Orgullo y prejuicios

Toda la vida su habitación me había parecido imponente. Sus altas lámparas y cuadros cargados al barroco, los muebles antiguos que decoraban la estancia y sobre ellos, todas esas pequeñas figuras de porcelana que mi mamá me advertía que no debía tocar porque se podían romper. Todo en la pieza de mi abuela se parecía a ella. Impecable, ordenado y elegante. Siempre altiva y severa, con un gusto exquisito para el arte y la literatura, corrigiendo cada paso que diéramos mis hermanos y yo. No la podía culpar, fue educadora tantos años, que esas cosas no las podía alejar de su alma. Me enseñó a leer y a escribir antes de entrar a preescolar. Tomó el personaje de profesora estricta y no se lo sacaba ni para dormir. Ir de visita a su casa era un constante recordatorio de que ella era la que mandaba de forma inequívoca: «Inténtalo de nuevo y hazlo mejor», «Toma bien los cubiertos», «Párate derecho», «Cuando acabes de leer y hacer tus tareas puedes ir a jugar», » Solo medio pan por cabeza» frases suyas que hasta hoy tengo grabadas a fuego. En su momento me parecían abusivas y sin sentido. No tenía tacto para decir lo que pensaba.

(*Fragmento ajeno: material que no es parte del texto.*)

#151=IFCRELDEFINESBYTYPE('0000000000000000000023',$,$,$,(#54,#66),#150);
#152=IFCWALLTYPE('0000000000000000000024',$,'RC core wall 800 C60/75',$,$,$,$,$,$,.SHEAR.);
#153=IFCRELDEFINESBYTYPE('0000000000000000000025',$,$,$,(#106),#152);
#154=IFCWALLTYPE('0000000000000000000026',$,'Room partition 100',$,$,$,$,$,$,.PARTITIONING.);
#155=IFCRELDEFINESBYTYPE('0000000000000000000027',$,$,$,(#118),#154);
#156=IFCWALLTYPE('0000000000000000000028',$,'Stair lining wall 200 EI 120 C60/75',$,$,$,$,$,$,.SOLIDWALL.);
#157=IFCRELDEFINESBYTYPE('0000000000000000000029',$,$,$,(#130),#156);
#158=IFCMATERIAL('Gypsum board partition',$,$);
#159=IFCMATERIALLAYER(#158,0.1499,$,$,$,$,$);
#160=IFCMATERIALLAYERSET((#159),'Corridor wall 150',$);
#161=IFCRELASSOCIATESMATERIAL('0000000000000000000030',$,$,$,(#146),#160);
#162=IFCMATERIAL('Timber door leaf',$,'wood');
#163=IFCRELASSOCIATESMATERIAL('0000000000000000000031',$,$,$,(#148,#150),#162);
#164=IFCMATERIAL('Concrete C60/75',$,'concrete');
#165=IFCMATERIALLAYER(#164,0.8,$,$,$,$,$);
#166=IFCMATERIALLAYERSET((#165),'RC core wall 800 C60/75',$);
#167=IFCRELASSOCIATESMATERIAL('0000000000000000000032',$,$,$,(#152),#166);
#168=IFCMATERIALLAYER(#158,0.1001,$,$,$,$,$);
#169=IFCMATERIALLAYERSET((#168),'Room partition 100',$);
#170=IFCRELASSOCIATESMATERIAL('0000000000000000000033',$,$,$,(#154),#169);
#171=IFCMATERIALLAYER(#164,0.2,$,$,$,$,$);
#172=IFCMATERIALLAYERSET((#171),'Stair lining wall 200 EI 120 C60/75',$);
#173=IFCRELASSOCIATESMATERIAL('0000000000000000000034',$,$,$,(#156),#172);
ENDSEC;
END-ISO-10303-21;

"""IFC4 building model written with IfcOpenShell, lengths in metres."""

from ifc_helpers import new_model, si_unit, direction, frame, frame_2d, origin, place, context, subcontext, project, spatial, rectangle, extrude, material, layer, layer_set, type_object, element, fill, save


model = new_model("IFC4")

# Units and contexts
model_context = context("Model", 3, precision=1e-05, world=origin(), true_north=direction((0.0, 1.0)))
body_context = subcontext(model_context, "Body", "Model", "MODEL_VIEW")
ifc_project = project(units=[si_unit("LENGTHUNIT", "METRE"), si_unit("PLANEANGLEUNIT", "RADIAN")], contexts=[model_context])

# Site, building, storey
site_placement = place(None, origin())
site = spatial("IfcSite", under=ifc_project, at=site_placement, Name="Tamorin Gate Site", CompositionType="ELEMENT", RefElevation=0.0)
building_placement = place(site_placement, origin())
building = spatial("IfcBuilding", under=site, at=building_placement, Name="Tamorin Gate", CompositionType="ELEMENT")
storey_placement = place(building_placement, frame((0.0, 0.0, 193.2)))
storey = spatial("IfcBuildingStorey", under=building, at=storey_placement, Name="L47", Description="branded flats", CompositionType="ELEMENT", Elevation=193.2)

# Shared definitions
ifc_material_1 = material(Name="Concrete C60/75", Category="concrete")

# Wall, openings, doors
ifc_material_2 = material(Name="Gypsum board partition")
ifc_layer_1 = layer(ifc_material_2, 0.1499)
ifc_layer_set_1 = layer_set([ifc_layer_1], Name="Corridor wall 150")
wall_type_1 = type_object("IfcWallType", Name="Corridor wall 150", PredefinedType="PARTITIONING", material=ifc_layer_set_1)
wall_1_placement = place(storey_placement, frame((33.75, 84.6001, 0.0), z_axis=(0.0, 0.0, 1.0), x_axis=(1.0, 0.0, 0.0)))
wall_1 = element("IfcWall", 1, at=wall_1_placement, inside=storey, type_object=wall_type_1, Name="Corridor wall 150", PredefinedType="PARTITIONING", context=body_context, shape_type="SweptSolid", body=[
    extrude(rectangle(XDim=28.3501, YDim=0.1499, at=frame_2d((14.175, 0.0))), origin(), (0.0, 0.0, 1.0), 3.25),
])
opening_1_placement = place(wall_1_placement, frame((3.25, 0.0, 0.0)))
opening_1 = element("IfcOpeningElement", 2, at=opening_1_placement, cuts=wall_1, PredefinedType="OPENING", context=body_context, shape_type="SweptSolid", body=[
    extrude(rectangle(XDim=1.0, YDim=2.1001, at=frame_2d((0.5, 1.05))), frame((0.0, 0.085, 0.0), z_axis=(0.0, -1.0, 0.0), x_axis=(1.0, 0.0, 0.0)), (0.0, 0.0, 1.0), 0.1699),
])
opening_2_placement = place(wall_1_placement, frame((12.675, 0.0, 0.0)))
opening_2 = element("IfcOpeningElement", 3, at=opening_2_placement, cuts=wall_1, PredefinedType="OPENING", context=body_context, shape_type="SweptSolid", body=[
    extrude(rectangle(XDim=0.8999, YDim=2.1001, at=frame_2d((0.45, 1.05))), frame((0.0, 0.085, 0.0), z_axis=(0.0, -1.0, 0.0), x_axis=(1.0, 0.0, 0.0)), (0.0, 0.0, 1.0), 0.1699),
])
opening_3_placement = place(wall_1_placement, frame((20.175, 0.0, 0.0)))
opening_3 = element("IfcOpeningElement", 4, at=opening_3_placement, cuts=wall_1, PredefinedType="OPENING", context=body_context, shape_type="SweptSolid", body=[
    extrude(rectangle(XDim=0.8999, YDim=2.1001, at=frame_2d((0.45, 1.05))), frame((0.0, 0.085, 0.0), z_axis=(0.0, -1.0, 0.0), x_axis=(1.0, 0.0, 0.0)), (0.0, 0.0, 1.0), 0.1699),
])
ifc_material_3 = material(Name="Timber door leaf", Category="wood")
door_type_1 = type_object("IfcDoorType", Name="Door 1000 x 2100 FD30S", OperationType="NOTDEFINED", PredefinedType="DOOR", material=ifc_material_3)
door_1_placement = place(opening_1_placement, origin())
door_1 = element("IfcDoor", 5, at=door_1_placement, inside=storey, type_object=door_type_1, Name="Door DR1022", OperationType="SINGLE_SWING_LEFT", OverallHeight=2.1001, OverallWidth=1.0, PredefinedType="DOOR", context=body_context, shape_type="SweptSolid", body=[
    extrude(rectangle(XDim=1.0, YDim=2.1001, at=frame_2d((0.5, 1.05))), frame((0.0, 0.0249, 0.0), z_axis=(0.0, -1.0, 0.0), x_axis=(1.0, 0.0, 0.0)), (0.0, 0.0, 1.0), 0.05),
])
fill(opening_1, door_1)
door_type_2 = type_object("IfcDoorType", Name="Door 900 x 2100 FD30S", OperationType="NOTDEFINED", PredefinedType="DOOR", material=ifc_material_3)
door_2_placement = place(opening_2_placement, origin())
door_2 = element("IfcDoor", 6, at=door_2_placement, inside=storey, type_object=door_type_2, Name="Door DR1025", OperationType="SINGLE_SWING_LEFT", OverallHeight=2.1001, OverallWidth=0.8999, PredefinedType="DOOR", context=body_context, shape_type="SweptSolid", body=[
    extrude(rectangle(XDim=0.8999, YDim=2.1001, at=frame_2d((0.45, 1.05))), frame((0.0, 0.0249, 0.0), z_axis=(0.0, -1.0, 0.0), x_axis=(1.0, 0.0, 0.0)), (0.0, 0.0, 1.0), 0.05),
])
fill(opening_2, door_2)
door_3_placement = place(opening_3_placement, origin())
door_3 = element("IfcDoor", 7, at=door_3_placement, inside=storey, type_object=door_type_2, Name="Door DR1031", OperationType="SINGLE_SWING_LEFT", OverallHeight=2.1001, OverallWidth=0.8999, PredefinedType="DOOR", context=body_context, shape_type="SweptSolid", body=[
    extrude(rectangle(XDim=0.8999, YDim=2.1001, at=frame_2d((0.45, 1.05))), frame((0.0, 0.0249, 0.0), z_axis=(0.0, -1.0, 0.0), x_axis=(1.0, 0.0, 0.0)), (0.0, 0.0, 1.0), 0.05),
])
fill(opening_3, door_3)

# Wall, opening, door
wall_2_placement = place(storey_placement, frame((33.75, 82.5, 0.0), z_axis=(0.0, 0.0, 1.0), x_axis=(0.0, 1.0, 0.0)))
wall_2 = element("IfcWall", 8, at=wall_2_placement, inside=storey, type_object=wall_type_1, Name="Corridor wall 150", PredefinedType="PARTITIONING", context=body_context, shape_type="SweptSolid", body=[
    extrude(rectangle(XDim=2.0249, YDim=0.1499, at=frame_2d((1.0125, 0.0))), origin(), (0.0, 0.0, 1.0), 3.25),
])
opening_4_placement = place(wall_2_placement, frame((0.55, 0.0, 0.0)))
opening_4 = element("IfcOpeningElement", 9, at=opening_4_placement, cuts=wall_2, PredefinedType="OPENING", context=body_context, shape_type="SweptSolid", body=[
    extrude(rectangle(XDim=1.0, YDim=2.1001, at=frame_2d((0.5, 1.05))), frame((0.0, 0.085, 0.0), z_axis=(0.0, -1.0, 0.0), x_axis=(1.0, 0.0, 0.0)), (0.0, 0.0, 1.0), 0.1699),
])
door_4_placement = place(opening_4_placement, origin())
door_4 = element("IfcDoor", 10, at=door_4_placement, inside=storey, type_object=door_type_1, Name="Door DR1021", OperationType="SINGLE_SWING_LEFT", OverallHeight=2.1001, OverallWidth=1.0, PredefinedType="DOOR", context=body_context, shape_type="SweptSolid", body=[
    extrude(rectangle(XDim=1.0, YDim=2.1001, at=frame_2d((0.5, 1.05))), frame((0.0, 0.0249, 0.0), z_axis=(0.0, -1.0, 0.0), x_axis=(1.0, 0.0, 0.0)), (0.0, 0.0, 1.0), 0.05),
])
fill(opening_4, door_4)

Entré con cierto temor y la vi recostada, leyendo sus novelas. Esperaba que me mirara de reojo, sin apartar la vista de su lectura. Solía hacerlo con todo el mundo. Nadie parecía ser lo suficientemente importante como para distraerla de sus libros, a excepción de sus estudiantes. Las veces que la vi con sus alumnos y alumnas, observé una faceta que no conocía de ella. Era duro verla reírse como nunca se reía con nosotros. Admito que me daba un poco de celos sentir que quería más a esos desconocidos que a mí. Mientras pensaba en eso, sentí una opresión en el pecho al ver su figura delgada cerrando el libro y dejándolo en su velador. Me miró con sus ojos almendrados y su rostro arrugado. Su semblante, que solía estar lleno de vida, me parecía triste.

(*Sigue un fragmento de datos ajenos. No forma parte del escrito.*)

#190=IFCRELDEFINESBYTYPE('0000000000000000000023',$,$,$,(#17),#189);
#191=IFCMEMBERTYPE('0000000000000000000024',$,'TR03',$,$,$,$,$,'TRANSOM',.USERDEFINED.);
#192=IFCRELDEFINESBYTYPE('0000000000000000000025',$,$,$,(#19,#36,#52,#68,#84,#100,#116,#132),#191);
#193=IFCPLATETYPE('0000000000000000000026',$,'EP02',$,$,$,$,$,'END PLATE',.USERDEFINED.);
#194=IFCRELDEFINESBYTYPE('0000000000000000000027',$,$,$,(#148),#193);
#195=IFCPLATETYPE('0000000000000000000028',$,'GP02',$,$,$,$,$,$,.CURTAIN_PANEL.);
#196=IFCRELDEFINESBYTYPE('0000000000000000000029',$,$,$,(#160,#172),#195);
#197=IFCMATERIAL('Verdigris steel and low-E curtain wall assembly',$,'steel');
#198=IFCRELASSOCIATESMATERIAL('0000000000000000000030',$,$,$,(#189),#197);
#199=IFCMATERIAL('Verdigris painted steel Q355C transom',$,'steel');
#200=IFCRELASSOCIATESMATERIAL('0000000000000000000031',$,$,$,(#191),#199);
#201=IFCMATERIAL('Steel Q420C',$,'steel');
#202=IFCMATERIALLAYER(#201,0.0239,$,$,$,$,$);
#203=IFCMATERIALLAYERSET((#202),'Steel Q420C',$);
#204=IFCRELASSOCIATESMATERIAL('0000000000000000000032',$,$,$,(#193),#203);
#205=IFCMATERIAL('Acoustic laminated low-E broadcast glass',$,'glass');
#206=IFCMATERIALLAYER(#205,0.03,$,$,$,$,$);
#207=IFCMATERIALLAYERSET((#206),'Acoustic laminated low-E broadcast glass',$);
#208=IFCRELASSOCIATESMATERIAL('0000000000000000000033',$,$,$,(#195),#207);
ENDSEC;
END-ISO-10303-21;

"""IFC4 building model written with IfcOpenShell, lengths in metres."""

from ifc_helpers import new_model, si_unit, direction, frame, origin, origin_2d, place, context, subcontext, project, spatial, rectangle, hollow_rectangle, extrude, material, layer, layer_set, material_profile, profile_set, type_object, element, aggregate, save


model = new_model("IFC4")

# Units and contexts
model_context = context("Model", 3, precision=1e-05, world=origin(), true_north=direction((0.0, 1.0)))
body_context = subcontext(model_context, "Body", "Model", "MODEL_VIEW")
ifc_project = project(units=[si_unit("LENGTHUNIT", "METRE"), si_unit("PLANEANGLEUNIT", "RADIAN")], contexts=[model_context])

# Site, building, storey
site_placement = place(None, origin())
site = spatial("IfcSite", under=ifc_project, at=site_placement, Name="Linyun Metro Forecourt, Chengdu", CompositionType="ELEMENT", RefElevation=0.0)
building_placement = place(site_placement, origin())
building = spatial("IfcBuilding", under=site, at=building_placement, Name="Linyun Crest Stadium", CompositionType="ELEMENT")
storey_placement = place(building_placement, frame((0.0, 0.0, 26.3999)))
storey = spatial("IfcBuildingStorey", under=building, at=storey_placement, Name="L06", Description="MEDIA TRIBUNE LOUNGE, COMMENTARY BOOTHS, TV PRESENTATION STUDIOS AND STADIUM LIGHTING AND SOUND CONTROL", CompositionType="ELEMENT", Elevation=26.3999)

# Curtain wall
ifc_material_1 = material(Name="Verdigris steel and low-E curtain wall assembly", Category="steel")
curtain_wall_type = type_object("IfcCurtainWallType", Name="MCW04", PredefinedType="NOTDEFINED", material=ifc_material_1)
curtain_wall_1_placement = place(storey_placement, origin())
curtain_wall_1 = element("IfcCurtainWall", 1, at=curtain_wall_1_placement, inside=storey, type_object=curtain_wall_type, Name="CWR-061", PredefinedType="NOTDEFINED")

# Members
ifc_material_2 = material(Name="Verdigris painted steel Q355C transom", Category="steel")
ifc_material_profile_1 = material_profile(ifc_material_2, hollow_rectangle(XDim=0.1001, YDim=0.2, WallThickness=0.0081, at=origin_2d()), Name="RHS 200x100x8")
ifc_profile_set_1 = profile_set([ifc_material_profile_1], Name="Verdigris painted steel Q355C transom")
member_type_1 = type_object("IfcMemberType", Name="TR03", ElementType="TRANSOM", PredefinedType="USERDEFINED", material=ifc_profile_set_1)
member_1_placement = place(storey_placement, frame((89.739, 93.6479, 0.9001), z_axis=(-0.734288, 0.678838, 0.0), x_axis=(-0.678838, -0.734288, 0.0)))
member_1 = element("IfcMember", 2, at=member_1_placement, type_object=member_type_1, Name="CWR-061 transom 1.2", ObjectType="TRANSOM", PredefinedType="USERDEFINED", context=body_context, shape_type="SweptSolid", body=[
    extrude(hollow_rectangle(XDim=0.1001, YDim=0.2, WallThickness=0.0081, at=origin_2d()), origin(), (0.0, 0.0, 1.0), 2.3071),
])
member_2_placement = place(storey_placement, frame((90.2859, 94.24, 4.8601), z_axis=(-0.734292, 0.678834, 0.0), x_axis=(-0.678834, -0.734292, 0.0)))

-Buenas tardes, Abuela-le dije con parsimonia. Nunca quiso que le tuviéramos un apodo cariñoso. Solía decir que ese tipo de nombres era para gente poco sofisticada. Hasta hoy me complica un poco colocar nombres de cariño a la gente.

-Hola, Alberto. Me alegra que hayas venido, por favor, toma asiento-dijo con amabilidad mientras se acomodaba los lentes de armazón metálico. Esa actitud era extraña, al punto de que no supe cómo podía contestar a ello, así que solo asentí y me senté en la silla que estaba frente a su cama.
-Si quieres algo para beber, puedo llamar a María y que nos traiga algo fresco-agregó mientras se disponía a tocar una campanilla de bronce que tenía a su lado.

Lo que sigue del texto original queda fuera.